For the first time since August, home prices in Los Angeles County are over the $600,000 mark, according to a new report from real estate tracker CoreLogic.

The median price LA buyers paid for homes and condos in April was $607,750, up 3 percent from a year earlier. That price was also roughly $10,000 (or 1.7 percent) higher than it was in March.

LA’s countywide median eclipsed $600,000 for the first time ever last year in May. That summer, prices eventually climbed to $615,000, setting an all-time record.

But since then, the cost of buying a home has leveled off a bit, and the number of sellers closing deals has dipped as well.

In April, 6,438 homes changed hands in LA County—up 12 percent over a month earlier. But that was still roughly 1 percent under the number that sold in April 2018.

CoreLogic analyst Andrew LePage points out in the report that, across all of Southern California, the number of sales in April was almost 15 percent below average for the month. Total sales have declined year-over-year for nine consecutive months.

Experts initially pinned the region’s underwhelming sale numbers on rising mortgage interest rates, which raised monthly payments for most buyers. But rates dropped significantly in winter and have remained at relatively low levels since then.

Instead, LePage says the high cost of buying may simply be enough to keep many would-be home shoppers out of the market.

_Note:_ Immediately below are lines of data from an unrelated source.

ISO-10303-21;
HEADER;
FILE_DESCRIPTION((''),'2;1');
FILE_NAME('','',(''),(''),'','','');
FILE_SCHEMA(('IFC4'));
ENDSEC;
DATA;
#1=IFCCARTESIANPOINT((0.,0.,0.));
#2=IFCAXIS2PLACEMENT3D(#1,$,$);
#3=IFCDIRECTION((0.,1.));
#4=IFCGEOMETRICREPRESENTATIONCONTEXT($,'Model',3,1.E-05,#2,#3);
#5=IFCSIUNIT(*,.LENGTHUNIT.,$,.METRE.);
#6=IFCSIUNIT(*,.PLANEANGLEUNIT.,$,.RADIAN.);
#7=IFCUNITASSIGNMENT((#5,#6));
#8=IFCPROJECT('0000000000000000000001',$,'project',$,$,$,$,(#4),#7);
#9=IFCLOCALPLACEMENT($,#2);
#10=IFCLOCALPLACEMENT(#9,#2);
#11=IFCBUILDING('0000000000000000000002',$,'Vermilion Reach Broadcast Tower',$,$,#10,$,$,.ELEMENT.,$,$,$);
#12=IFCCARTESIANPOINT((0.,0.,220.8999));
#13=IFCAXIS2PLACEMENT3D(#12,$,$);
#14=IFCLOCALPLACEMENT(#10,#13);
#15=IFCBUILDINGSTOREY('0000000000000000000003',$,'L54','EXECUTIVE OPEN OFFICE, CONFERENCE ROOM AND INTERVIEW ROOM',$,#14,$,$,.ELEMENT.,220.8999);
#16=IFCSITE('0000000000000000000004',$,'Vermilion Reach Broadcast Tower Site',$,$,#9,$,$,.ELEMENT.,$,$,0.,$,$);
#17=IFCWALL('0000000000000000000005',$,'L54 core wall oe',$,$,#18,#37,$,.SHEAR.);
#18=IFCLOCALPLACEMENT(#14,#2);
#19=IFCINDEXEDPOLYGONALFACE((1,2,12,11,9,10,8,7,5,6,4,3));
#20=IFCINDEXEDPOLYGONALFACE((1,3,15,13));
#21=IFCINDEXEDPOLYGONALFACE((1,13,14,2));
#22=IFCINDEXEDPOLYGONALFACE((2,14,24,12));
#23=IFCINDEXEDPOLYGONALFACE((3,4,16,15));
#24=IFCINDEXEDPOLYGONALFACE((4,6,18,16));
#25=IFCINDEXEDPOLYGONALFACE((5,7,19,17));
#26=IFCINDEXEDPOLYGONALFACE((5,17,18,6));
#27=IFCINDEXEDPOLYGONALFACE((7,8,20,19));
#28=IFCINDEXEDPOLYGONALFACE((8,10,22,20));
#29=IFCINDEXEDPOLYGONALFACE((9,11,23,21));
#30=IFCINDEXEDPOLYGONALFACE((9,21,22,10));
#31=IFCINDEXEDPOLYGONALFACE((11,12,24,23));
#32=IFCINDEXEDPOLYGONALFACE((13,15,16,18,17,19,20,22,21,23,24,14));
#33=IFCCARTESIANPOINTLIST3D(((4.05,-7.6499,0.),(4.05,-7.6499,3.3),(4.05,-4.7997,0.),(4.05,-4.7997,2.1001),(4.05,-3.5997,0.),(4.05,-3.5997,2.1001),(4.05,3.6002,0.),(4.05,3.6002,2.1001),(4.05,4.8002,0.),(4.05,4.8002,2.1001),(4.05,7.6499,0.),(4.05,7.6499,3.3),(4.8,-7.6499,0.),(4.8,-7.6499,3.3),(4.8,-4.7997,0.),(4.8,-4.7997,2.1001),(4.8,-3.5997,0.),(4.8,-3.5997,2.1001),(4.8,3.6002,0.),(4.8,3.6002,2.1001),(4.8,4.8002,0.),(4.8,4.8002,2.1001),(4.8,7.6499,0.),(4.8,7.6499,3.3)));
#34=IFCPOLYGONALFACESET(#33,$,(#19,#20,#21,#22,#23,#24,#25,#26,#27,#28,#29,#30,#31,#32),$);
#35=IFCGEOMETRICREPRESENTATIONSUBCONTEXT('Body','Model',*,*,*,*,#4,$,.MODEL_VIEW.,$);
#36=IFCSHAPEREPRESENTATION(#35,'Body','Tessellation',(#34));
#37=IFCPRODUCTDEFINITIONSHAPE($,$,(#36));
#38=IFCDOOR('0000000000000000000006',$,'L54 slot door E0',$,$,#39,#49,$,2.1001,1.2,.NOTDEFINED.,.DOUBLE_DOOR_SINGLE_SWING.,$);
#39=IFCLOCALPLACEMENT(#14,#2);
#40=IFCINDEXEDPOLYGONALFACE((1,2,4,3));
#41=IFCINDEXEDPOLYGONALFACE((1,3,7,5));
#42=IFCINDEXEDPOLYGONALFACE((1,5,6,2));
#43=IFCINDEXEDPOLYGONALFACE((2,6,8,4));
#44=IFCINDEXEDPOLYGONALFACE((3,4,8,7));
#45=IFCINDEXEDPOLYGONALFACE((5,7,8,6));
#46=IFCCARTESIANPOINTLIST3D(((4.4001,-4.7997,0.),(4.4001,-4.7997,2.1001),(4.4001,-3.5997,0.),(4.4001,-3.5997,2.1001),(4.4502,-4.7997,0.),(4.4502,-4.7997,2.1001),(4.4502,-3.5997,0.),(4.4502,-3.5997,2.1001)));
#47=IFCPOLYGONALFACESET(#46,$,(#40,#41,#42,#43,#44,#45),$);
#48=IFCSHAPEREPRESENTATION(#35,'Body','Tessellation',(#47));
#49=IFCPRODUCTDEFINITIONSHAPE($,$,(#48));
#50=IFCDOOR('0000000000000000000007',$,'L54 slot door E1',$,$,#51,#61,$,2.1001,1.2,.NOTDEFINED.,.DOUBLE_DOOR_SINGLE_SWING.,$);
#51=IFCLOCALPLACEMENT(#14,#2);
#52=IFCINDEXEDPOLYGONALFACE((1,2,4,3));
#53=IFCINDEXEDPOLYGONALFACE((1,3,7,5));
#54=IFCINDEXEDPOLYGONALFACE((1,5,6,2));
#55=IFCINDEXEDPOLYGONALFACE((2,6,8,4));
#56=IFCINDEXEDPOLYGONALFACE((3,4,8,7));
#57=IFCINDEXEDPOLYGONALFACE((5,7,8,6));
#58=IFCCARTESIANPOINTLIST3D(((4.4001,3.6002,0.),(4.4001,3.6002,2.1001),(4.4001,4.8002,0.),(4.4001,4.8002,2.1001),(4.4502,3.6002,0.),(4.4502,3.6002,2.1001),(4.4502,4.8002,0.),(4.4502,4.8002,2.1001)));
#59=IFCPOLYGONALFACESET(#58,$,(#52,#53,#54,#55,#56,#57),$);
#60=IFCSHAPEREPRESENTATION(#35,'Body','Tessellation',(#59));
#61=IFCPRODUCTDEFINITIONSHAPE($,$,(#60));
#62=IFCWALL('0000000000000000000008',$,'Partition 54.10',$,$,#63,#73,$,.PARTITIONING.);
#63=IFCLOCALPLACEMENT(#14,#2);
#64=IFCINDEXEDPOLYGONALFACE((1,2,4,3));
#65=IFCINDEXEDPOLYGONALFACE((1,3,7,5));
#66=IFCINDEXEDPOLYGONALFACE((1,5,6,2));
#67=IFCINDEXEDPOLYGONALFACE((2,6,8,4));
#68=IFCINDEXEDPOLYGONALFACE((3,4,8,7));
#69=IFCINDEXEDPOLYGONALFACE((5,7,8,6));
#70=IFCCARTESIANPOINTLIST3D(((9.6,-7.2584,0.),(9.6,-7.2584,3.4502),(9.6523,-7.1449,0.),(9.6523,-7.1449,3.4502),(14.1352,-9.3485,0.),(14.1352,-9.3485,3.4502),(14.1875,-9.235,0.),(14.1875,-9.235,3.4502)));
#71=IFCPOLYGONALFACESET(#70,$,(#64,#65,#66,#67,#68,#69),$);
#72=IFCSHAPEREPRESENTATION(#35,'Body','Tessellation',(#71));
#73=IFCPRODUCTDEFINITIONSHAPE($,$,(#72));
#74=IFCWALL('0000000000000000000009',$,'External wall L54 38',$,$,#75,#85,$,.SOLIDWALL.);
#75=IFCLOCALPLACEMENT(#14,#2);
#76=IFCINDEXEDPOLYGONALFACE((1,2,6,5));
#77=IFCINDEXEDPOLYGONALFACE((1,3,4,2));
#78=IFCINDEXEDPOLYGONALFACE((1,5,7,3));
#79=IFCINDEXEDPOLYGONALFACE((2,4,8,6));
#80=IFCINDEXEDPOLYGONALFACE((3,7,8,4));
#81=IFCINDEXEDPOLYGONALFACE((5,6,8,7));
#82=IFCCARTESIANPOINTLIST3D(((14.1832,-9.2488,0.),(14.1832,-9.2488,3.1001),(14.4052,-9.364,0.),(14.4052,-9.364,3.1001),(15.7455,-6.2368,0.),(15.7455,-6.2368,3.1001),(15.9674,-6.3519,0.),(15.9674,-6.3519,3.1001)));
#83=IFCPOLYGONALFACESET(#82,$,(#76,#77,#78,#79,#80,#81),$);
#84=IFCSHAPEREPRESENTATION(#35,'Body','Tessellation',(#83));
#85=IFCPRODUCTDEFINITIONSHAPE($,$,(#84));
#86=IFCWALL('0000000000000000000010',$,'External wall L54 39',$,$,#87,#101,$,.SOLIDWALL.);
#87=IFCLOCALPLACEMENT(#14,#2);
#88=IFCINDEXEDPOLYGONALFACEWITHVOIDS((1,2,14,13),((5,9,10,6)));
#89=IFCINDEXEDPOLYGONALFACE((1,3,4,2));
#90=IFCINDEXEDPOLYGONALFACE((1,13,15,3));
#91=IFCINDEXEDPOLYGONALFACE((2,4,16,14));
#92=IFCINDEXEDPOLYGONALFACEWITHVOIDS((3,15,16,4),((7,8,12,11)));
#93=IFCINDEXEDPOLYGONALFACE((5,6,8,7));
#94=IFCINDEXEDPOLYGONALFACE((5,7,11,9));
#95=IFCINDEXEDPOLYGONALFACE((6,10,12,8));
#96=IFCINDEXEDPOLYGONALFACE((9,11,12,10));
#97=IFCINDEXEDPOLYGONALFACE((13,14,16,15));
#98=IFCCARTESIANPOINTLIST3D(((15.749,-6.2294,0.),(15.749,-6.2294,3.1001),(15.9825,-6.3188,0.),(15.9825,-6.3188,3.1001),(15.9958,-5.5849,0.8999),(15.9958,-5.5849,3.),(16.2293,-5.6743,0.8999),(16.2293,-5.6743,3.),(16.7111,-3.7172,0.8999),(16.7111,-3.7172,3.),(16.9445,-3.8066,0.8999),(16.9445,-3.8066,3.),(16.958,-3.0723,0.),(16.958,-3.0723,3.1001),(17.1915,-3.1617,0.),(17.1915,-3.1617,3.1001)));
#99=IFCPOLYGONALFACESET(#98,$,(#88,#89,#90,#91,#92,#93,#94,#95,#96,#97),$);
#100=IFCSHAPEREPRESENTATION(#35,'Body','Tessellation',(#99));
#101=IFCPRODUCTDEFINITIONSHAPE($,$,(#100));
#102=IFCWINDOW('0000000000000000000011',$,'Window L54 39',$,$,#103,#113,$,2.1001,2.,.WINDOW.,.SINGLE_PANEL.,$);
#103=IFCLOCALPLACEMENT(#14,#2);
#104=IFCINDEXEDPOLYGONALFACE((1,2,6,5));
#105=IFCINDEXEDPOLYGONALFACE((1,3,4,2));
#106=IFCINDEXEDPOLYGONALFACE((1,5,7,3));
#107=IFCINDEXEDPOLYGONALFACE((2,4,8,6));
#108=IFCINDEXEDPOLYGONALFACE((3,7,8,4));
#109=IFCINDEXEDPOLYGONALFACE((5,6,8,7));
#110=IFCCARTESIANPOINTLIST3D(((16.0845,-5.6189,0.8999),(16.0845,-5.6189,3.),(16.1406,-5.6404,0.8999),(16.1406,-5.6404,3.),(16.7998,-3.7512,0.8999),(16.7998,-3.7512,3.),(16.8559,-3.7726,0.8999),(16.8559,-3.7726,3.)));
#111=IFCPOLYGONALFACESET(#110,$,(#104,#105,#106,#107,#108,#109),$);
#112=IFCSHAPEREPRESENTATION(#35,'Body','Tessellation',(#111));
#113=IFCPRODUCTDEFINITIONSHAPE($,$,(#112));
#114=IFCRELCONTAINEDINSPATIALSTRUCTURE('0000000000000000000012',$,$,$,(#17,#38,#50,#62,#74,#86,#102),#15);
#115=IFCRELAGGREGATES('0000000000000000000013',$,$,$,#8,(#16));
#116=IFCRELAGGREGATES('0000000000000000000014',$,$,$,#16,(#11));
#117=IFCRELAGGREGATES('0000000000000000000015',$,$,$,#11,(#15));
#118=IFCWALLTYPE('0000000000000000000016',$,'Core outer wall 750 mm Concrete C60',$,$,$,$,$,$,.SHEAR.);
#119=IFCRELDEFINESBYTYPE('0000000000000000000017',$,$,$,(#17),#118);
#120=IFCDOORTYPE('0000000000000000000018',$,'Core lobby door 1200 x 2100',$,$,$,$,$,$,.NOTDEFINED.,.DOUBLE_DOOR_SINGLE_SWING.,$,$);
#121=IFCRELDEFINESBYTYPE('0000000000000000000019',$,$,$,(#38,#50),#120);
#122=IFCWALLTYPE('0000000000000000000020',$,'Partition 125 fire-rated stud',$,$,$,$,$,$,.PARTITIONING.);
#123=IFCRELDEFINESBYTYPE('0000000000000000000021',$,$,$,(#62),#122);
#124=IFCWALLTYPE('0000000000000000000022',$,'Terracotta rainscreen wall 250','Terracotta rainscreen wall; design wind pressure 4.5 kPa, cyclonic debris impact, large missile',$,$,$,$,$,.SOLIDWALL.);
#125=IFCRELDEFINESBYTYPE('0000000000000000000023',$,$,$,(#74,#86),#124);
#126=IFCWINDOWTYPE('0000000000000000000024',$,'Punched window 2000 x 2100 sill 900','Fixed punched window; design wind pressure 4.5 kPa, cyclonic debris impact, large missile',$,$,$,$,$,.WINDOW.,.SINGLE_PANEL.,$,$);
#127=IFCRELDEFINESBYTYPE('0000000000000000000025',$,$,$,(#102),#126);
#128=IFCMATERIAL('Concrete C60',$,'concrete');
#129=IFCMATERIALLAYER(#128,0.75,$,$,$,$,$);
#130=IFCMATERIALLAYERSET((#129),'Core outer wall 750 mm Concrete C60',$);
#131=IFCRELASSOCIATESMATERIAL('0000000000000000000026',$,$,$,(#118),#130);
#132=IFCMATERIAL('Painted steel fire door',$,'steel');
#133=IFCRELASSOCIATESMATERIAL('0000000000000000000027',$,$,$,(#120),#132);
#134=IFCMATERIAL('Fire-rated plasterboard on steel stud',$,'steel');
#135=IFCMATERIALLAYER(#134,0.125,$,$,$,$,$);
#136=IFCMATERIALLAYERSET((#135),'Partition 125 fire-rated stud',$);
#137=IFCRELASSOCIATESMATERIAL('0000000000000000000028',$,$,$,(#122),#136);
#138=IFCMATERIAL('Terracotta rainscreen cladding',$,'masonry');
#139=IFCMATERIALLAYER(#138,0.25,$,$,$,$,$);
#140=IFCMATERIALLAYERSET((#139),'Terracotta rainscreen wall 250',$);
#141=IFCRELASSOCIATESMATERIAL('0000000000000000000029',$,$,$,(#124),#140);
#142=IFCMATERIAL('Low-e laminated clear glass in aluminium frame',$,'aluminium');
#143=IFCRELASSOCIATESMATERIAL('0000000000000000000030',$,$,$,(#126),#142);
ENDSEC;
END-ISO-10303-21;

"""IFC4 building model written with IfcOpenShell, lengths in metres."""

from ifc_helpers import new_model, si_unit, direction, frame, frame_2d, origin, place, context, subcontext, project, spatial, rectangle, extrude, material, layer, layer_set, type_object, element, fill, save


model = new_model("IFC4")

# Units and contexts
model_context = context("Model", 3, precision=1e-05, world=origin(), true_north=direction((0.0, 1.0)))
body_context = subcontext(model_context, "Body", "Model", "MODEL_VIEW")
ifc_project = project(units=[si_unit("LENGTHUNIT", "METRE"), si_unit("PLANEANGLEUNIT", "RADIAN")], contexts=[model_context])

# Site, building, storey
site_placement = place(None, origin())
site = spatial("IfcSite", under=ifc_project, at=site_placement, Name="Vermilion Reach Broadcast Tower Site", CompositionType="ELEMENT", RefElevation=0.0)
building_placement = place(site_placement, origin())
building = spatial("IfcBuilding", under=site, at=building_placement, Name="Vermilion Reach Broadcast Tower", CompositionType="ELEMENT")
storey_placement = place(building_placement, frame((0.0, 0.0, 220.8999)))
storey = spatial("IfcBuildingStorey", under=building, at=storey_placement, Name="L54", Description="EXECUTIVE OPEN OFFICE, CONFERENCE ROOM AND INTERVIEW ROOM", CompositionType="ELEMENT", Elevation=220.8999)

# Wall, openings, doors
ifc_material_1 = material(Name="Concrete C60", Category="concrete")
ifc_layer_1 = layer(ifc_material_1, 0.75)
ifc_layer_set_1 = layer_set([ifc_layer_1], Name="Core outer wall 750 mm Concrete C60")
wall_type_1 = type_object("IfcWallType", Name="Core outer wall 750 mm Concrete C60", PredefinedType="SHEAR", material=ifc_layer_set_1)
wall_1_placement = place(storey_placement, frame((4.425, -7.6499, 0.0), z_axis=(0.0, 0.0, 1.0), x_axis=(0.0, 1.0, 0.0)))
wall_1 = element("IfcWall", 1, at=wall_1_placement, inside=storey, type_object=wall_type_1, Name="L54 core wall oe", PredefinedType="SHEAR", context=body_context, shape_type="SweptSolid", body=[
    extrude(rectangle(XDim=15.2998, YDim=0.75, at=frame_2d((7.6499, 0.0))), origin(), (0.0, 0.0, 1.0), 3.3),
])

“The slowdown in price growth and sales over the past year suggests that despite a healthy economy, the cost of homeownership has outpaced incomes for many,” he says.

As expensive as homes are now, the median sale price across all of Southern California ($527,500) is still 13 percent below where it was just prior to the Great Recession, when adjusted for inflation. One potential reason home prices haven’t yet hit that level is that it’s tougher for cash-strapped buyers to borrow huge sums of money.

“Most buyers don’t have the option of turning to the sort of high-risk mortgages many used to stretch beyond their financial means during the last housing boom,” says LePage. That means prices could stay put for a while.